Feb 8 14:09:56 twin4 smartd[3468]: Device: /dev/hda, SMART
Prefailure Attribute: 8 Seek_Time_Performance changed from 237 to 236
Feb 8 14:10:37 twin4 mountd[3953]: /var/NFSv4/musicbox exported to
both 192.168.1.0/24 and twin7.localdomain in 192.168.1.0/24,twin7.localdomain
Feb 8 14:25:07 twin4 sshd(pam_unix)[29234]: session opened for user me by
(uid=0)
Feb 8 14:25:36 twin4 su(pam_unix)[29279]: session opened for user root by
me(uid=500)
Using the -f option, tail continues to monitor the file and when new lines are appended, they immediately appear on the display. This continues until you type ctrl-C.

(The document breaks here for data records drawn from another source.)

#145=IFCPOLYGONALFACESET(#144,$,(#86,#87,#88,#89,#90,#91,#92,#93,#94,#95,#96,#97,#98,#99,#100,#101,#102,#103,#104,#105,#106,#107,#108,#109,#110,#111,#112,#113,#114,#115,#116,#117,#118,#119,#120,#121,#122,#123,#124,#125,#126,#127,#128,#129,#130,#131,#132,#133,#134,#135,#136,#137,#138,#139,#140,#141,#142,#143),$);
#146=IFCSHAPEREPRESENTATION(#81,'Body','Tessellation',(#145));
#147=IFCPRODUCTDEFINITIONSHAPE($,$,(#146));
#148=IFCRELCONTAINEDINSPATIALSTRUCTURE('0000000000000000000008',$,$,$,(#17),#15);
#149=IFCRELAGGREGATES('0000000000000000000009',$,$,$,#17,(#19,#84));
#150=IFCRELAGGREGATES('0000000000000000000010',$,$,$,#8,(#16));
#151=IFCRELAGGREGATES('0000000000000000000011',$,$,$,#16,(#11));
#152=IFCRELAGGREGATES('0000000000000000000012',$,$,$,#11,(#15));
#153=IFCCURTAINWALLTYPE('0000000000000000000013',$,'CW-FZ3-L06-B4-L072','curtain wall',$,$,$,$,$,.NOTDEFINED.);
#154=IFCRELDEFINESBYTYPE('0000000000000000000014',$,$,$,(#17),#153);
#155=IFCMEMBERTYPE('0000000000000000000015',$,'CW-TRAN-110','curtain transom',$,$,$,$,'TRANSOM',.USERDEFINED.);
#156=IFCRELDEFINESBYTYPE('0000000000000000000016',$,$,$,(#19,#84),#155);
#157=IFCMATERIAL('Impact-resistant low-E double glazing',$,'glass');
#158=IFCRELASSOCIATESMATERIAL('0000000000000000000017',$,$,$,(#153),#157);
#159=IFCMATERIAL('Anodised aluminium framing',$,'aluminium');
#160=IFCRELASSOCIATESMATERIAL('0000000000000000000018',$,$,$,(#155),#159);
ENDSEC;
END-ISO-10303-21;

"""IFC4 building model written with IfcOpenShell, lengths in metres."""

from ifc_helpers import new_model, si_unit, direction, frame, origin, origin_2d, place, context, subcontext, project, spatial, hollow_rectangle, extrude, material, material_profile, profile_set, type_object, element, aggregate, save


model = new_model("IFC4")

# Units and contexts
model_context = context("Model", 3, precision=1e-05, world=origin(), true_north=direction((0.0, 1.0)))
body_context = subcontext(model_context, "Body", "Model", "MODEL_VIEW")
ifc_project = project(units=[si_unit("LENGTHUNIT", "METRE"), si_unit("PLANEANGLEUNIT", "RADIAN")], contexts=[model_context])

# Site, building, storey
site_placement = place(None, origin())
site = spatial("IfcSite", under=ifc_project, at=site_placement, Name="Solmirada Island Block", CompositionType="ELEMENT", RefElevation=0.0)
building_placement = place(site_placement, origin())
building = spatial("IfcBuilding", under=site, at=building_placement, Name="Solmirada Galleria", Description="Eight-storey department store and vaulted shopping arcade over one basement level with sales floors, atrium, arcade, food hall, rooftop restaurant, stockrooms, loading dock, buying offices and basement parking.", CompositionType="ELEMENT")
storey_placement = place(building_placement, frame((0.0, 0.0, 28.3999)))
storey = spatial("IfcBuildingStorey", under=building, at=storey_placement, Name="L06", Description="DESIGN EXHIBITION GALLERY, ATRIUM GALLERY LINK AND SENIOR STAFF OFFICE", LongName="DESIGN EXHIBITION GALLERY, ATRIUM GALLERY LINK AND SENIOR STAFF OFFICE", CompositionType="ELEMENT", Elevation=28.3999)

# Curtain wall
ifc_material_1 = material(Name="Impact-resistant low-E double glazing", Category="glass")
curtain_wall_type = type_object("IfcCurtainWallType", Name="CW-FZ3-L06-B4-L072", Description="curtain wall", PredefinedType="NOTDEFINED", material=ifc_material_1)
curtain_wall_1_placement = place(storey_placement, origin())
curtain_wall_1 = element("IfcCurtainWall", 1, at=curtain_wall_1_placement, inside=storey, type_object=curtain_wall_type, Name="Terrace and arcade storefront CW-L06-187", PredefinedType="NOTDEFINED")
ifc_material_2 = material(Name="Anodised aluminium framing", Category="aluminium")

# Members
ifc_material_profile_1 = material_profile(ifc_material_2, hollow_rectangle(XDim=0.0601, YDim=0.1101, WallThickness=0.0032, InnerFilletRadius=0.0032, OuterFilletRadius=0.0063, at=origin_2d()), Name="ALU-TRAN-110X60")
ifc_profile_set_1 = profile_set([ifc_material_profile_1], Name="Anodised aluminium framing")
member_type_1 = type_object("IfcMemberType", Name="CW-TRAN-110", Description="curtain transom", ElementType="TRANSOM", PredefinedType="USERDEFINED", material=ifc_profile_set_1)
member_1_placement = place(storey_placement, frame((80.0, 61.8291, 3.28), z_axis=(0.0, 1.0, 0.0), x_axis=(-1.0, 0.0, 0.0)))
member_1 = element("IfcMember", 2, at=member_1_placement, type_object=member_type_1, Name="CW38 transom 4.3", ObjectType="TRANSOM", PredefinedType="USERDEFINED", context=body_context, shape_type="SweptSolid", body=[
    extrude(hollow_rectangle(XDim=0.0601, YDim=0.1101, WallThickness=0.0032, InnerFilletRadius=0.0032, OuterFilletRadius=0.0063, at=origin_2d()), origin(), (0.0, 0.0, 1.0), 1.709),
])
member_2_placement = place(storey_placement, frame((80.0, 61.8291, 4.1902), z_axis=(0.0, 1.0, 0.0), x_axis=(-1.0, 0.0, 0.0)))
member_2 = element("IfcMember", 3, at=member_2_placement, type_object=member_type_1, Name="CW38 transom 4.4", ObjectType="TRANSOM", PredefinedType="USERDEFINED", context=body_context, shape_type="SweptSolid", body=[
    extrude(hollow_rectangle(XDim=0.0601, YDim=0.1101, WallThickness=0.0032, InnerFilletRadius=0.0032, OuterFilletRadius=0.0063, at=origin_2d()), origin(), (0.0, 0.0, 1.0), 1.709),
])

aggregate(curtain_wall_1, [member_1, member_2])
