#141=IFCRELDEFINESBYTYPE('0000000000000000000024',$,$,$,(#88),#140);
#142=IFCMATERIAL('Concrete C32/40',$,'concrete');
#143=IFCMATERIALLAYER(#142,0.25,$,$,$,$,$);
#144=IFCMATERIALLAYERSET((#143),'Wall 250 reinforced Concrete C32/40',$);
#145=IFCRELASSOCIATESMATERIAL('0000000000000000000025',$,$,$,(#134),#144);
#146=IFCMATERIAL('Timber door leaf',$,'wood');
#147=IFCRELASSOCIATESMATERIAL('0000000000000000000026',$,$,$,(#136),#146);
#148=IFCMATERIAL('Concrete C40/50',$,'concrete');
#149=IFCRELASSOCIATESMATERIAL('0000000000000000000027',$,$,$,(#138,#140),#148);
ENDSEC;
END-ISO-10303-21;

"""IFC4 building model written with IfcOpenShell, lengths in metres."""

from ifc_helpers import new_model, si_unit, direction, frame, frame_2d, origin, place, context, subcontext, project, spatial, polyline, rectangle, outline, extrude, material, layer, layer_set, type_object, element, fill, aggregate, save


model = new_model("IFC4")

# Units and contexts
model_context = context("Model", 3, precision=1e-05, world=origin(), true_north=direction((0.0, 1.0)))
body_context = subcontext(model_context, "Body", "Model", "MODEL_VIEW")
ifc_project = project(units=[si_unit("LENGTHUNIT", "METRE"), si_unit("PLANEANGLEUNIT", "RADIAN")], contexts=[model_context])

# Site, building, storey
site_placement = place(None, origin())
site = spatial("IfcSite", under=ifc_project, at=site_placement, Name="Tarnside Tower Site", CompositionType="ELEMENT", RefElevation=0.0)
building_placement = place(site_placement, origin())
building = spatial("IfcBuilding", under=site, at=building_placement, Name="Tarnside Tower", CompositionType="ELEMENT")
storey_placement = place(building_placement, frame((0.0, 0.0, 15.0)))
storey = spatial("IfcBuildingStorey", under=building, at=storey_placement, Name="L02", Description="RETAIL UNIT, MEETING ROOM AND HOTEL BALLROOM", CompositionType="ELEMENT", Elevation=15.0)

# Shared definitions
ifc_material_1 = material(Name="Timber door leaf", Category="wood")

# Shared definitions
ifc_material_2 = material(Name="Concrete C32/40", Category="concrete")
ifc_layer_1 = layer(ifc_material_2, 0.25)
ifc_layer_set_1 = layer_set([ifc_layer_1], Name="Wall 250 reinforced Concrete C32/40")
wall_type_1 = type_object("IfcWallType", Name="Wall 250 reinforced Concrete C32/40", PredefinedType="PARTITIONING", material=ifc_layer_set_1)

tee—Read from Stdin and Output to Stdout and Files
In keeping with our plumbing analogy, Linux provides a command called tee which creates a “T” fitting on our pipe. The tee program reads standard input and copies it to both standard output (allowing the data to continue down the pipeline) and to one or more files. This is useful for capturing a pipeline’s contents at an intermediate stage of processing. Here we repeat one of our earlier examples, this time including tee to capture the entire directory listing to the file ls.txt before grep filters the pipeline’s contents:
[me@linuxbox ˜]$ ls /usr/bin | tee ls.txt | grep zip
bunzip2
bzip2
gunzip
gzip
unzip
zip
zipcloak
zipgrep
zipinfo
zipnote
zipsplit
Final Note
As always, check out the documentation of each of the commands we have covered in this chapter. We have seen only their most basic usage, and they all have a number of interesting options. As we gain Linux experience, we will see that the redirection feature of the command line is extremely useful for solving specialized problems. Many commands make use of standard input and output, and almost all command-line programs use standard error to display their informative messages.

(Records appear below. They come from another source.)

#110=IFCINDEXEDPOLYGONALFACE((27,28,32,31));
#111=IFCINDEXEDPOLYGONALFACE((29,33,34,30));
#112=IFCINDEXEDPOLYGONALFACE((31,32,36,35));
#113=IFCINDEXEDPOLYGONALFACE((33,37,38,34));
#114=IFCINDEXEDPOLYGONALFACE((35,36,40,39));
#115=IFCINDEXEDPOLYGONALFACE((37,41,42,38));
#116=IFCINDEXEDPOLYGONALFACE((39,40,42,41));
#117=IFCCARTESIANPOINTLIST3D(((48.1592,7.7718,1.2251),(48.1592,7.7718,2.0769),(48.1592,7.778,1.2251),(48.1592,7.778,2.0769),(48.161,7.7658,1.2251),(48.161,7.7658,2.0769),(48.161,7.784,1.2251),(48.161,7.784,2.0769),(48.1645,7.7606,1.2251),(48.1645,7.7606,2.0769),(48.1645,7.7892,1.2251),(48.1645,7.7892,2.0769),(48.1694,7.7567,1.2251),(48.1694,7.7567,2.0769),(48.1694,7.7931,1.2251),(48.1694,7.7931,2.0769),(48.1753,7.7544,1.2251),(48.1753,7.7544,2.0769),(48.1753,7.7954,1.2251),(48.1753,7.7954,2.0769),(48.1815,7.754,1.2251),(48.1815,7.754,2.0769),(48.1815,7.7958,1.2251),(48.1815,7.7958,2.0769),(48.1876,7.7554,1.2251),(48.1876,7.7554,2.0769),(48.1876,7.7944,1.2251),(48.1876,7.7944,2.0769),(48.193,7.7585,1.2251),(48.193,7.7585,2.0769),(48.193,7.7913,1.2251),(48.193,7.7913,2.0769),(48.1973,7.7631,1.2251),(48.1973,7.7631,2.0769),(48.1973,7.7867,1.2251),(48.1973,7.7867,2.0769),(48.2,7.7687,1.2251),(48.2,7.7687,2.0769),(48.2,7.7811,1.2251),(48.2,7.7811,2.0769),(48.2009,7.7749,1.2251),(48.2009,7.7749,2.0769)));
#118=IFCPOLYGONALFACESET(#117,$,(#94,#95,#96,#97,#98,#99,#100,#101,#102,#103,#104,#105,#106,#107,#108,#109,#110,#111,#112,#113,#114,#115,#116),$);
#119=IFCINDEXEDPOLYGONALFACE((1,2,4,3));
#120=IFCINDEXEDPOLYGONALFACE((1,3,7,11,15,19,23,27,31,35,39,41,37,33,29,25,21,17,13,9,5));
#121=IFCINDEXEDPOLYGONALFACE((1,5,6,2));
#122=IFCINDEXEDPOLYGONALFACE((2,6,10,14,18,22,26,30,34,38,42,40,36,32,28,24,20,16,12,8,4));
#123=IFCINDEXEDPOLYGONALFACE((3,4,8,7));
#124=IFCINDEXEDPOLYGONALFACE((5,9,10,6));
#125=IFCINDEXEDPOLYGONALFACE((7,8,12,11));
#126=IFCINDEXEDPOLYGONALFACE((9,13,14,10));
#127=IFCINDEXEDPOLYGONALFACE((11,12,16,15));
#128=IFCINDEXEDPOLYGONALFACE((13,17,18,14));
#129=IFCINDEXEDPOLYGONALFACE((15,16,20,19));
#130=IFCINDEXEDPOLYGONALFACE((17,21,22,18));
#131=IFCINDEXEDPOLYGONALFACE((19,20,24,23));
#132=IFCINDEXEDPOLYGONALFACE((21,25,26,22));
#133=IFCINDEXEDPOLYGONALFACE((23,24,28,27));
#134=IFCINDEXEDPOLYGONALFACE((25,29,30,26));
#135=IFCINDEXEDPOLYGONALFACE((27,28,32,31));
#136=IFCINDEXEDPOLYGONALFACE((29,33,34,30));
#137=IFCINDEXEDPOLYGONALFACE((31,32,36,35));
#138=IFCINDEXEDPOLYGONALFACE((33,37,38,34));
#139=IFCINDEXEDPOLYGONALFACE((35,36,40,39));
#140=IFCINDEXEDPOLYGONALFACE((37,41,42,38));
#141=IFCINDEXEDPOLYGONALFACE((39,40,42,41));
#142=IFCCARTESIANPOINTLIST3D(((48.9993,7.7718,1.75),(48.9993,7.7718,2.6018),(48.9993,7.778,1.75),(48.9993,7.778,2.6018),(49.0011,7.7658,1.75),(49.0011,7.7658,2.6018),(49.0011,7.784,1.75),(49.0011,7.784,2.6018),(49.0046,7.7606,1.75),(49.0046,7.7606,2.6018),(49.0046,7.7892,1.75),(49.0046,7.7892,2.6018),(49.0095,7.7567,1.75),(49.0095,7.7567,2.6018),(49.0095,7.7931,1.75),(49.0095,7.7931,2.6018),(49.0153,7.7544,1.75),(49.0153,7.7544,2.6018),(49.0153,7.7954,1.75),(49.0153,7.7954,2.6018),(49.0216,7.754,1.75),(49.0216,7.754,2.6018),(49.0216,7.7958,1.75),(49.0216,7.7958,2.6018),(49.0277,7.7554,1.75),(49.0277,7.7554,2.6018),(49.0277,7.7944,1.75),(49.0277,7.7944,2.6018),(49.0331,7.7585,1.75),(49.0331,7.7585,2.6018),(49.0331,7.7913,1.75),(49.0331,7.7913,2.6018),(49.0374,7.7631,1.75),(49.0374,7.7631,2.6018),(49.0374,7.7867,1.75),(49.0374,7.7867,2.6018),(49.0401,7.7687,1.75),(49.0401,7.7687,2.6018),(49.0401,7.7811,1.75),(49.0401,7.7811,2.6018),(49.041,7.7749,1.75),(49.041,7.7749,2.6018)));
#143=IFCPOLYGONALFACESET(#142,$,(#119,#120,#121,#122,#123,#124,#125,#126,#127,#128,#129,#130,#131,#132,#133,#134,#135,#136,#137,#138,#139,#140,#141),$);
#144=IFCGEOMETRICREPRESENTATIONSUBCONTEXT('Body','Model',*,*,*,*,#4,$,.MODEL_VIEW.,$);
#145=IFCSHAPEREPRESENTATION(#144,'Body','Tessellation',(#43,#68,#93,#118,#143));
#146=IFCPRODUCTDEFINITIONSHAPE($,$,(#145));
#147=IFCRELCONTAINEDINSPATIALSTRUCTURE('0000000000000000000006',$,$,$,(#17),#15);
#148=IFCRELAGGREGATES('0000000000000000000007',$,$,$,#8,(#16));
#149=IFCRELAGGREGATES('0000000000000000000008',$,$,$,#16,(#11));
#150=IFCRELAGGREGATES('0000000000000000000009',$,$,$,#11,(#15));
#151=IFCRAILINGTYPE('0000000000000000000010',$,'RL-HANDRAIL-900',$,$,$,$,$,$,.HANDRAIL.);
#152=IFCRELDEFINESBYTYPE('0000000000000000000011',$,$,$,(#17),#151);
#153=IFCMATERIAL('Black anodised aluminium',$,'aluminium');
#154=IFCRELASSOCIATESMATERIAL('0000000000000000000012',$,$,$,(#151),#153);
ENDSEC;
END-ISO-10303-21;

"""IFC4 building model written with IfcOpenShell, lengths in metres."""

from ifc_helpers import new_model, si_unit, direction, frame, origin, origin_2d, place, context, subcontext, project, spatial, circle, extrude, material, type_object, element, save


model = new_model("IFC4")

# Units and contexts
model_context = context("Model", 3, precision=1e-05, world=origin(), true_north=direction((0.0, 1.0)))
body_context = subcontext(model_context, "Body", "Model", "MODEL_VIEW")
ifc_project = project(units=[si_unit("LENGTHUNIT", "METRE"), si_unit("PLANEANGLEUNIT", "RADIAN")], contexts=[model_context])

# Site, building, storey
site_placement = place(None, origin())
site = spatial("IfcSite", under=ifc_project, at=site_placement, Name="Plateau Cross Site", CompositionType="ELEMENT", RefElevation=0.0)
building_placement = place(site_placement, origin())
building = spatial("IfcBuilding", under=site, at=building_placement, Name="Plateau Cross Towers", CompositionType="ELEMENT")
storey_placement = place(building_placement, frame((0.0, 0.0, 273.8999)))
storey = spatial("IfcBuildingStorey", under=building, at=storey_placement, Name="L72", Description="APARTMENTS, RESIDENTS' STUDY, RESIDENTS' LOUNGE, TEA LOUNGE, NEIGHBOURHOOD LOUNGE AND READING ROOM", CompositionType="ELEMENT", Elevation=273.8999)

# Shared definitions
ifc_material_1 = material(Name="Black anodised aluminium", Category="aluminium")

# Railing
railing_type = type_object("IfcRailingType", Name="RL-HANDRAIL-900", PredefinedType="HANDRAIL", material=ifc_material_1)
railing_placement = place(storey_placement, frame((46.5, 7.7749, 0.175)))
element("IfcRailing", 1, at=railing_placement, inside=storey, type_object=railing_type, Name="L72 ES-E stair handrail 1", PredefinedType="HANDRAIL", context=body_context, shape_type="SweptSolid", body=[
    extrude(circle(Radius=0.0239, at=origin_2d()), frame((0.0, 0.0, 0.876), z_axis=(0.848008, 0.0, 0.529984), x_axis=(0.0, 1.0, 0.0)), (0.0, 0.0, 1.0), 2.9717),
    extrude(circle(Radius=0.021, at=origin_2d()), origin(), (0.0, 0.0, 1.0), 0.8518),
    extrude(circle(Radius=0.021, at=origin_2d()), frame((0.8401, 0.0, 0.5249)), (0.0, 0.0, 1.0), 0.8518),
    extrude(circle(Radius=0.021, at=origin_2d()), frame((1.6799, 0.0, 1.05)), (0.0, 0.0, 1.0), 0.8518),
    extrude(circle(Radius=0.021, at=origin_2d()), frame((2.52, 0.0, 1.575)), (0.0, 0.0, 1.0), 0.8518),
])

Linux Is About Imagination
When I am asked to explain the difference between Windows and Linux, I often use a toy analogy.
Windows is like a Game Boy. You go to the store and buy one all shiny new in the box. You take it home, turn it on, and play with it. Pretty graphics, cute sounds. After a while, though, you get tired of the game that came with it, so you go back to the store and buy another one. This cycle repeats over and over. Finally, you go back to the store and say to the person behind the counter, “I want a game that does this!” only to be told that no such game exists because there is no “market demand” for it. Then you say, “But I only need to change this one thing!” The person behind the counter says you can’t change it. The games are all sealed up in their cartridges. You discover that your toy is limited to the games that others have decided that you need and no more.
Linux, on the other hand, is like the world’s largest Erector Set. You open it up, and it’s just a huge collection of parts—a lot of steel struts, screws, nuts, gears, pulleys, and motors and a few suggestions on what to build. So you start to play with it. You build one of the suggestions and then another. After a while you discover that you have your own ideas of what to make. You don’t ever have to go back to the store, because you already have everything you need. The Erector Set takes on the shape of your imagination. It does what you want.
Your choice of toys is, of course, a personal thing, so which toy would you find more satisfying?